A estrelinha só tentava ajudar a eu me sentir melhor, mas eu já estava cansada demais de chorar e adormeci. No novo dia, o mau humor me pegou e eu não quis falar com ninguém. A noite, a estrelinha pareceu adivinhar e não foi me visitar. Dormi sentindo falta de muitos amigos. Minha mãe veio se deitar perto do casulo para tentar me deixar melhor. Quando amanheceu, eu senti uma enoooorme vontade de andar por aih, mesmo no chão sujo e jogar bola. Mas o dia se passou comigo praticamente estática no casulo. Quando a noite chegou:

- A minha mãe explicou que você é uma futura borboleta, não é? Eu já entendi tudo. Metamorfose é... como eu posso explicar... Olha, ninguém pode viver sua vida por você.... Você precisa ser forte e acreditar que só depende de você. Você vai sair daí logo logo e vai voar bem pertinho de mim. - Disse a estrela.
- Eu espero - Respondeu a lagartinha de maneira mais conformada.
- Acredite! Você vai ser uma borboleta tão radiante dependendo da sua maneira de se preparar para esse feito! - Finalizou a estrelinha.
- Sabe - com um certo receio a lagartinha continuou - Ontem, você não veio conversar comigo, certo? Mas até que foi bom... Pude ter certeza de uma coisa.
- Foi bom??? - se espantou a estrelinha - Que certeza você teve?

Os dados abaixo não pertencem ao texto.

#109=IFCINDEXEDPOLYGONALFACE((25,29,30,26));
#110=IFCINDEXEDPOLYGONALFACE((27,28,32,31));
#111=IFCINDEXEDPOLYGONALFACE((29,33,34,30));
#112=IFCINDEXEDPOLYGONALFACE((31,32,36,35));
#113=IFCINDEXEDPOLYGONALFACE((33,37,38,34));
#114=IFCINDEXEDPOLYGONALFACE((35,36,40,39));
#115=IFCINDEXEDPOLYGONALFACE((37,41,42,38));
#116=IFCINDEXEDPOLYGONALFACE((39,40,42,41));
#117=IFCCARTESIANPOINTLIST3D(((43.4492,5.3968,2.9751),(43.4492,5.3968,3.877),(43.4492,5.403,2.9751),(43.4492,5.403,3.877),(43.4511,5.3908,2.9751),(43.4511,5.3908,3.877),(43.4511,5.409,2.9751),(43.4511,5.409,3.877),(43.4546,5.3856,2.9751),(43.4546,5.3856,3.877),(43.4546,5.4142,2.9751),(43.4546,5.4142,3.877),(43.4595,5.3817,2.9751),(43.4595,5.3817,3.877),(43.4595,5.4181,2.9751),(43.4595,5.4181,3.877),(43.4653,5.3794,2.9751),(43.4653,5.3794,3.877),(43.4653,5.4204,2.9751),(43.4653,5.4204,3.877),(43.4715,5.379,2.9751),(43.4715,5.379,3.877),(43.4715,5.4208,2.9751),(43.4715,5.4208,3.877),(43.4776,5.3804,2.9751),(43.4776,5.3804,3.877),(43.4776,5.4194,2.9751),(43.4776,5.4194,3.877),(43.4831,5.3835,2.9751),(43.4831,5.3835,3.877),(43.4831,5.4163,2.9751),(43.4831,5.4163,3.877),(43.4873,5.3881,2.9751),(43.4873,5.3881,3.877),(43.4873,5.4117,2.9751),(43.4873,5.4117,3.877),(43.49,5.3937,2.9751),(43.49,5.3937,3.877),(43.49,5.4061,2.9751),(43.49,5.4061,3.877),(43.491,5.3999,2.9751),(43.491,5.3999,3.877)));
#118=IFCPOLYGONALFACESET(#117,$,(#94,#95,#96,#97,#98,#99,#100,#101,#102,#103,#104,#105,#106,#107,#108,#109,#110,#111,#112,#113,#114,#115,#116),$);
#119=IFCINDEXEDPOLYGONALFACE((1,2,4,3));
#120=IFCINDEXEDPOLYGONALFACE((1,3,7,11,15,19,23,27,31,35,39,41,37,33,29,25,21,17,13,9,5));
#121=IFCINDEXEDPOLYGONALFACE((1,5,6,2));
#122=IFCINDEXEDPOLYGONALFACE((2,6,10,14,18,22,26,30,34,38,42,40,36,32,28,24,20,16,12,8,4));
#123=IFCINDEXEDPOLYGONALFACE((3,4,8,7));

- É porque ontem uma estrela passou por aqui e eu pensei por um breve momento que era você. Senti uma alegria tão grande daquelas que não se consegue medir. Mas percebi no minuto seguinte que aquele brilho não era o seu... E a alegria se converteu em tristeza.
- Ainda não entendi. Isso foi bom? - INdagou a estrela confusa.
- Claro! Eu pude perceber que você me cativou! Não vê? Você é minha amiga! Sua existência já é parte dos meus sentimentos. Você é mais que uma simples estrela para mim agora. É a minha estrela amiga.
- Puxa! Somos amigas mesmo? Você gosta de mim? Porque eu já gosto muito de você, mesmo não podendo te ver por inteira com meus olhos, já te vejo muito com meu coração.
A lagartinha sorriu desejando que sua amiga estrela pudesse vê-la sorrir e se despediu para mais uma manhã que se anunciava.